Перечитала конец твоего письма... Не могу. С ума без тебя схожу. И как ты там, в своей Москве, без меня? И вообще... Как ты живешь? Мне хочется знать о тебе абсолютно все, каждую твою минуту. И больно в то же время: как подумаю, что у тебя уже кто-то был... Эгоистка, правда? Узнала всего полгода назад. Даже меньше. А такие претензии!..
Обнимаю, целую...
Твоя Мила. 18 янв.
P. S. А как ты хочешь объяснить читателям, в чем суть лечебного эффекта «красного резонанса», без рассказа о нашей концепции биоплазмы? Да ты ведь ее и упоминаешь, биоплазму, — обрати внимание: два раза!..»
VII
«Милочка, еще один досыл — начало и конец репортажа. У нас в редакции какая-то кутерьма — уход Гумилева разворошил наш муравейник: все на что-то и на кого-то жалуются, у всех перегрузки по листажу — сплошной ной. А сегодня ко всему еще и «присутственный день». Два дня в неделю у нас «обязательные к явке» — всякие совещания, летучки, прием посетителей. Устаешь от говорильни смертельно. С трудом вычитал гранки номера, потом долгий разговор с Гошей Димовым — вокруг да около. Так я и не понял, что же от меня нужно Гоше. Хочет дерзнуть, а не знает — чем. А по мне... Забился за шкафы в художественном отделе: вроде и в редакции — на месте, а вместе с тем и нет меня. Перечитал, что вчера набарабанил на своей «Эрике»... Вот коротко начало очерка. Почитай, Милочка. У меня какое-то чувство... Неуверенности, что ли? А в чем неуверенность — и сам понять не могу.
«Тамара Ивановна Девичева — старший лаборант, ее обязанность в лаборатории А. Колющенко — ставить диагноз и назначать курс «лазерной терапии». Но работает она не в медицинской, а в радиотехнической группе. В группе кандидата технических наук Б. Шлемова. Знает медицину постольку, поскольку приходится болеть самой.
Удивился.
Девичева: Диагноз определяется по таблицам и показаниям приборов, а курс лечения назначает аналоговая электронно-вычислительная машина. Ну и врач, конечно: проверяет назначение машины, нет ли противопоказаний.
Предлагает поставить диагноз мне.
Сажусь. .
Тамара Ивановна заглядывает в карточку, где цифрами обозначены точки биоинформации, водит по моей ушной раковине электрическим датчиком, похожим на шариковую ручку. От датчика тянется провод к прибору.
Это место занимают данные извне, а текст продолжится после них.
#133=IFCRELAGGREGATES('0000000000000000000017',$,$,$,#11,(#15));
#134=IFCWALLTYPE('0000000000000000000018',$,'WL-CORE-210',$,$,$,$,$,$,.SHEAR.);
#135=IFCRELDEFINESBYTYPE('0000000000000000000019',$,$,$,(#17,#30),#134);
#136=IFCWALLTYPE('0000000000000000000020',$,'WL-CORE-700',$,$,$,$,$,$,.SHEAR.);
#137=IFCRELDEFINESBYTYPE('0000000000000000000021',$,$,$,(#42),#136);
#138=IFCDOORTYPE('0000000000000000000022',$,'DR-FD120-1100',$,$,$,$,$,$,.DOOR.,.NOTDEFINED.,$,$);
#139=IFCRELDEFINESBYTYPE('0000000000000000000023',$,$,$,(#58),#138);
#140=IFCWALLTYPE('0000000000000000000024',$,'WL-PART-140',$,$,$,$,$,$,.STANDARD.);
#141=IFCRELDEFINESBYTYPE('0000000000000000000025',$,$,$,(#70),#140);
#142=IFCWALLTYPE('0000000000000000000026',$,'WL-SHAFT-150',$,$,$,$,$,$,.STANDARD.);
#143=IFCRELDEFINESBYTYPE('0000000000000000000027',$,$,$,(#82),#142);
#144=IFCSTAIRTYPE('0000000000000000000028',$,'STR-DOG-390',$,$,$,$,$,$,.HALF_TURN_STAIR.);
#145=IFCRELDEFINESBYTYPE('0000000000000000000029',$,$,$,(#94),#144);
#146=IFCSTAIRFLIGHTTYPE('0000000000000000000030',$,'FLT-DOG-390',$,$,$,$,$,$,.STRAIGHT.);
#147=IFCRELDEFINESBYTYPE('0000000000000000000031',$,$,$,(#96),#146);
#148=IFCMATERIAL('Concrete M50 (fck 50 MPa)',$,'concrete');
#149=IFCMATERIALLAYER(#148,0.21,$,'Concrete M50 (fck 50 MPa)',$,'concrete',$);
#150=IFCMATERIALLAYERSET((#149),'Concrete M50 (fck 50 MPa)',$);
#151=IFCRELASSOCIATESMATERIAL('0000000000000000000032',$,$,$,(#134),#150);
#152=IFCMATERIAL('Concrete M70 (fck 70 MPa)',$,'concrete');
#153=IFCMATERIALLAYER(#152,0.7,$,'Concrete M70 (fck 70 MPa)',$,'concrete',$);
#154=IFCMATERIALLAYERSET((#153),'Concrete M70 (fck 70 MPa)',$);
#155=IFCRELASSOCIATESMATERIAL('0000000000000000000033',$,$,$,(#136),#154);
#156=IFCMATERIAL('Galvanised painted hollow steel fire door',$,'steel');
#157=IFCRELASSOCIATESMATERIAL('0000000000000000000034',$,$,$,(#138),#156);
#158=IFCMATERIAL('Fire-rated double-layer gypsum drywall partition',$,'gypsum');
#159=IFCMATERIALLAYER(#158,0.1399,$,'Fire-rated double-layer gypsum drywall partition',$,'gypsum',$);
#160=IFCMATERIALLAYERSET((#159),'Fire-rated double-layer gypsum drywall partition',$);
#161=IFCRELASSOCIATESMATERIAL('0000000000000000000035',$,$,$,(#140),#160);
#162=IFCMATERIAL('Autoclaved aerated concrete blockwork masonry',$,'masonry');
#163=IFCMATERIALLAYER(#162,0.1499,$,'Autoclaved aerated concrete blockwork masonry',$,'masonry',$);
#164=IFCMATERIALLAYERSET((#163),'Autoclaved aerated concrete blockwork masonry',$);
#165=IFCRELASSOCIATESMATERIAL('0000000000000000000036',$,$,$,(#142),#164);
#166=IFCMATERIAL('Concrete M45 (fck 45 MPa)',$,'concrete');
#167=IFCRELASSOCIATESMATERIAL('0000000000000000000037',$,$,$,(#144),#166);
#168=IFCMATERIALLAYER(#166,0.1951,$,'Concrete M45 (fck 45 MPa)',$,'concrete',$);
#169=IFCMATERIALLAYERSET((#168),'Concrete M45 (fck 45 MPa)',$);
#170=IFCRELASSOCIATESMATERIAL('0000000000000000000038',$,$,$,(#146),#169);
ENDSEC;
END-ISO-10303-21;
В то мгновенье, когда датчик нащупывает нужную точку биоинформации, стрелка прибора резко дергается и показывает величину электрического потенциала, а Девичева другой лаборантке диктует номер точки и величину сигнала. Эти данные лаборантка тотчас, щелкая тумблерами и вращая переключатели, вводит в аналоговую машину, на экране которой перемигиваются неоновые лампочки.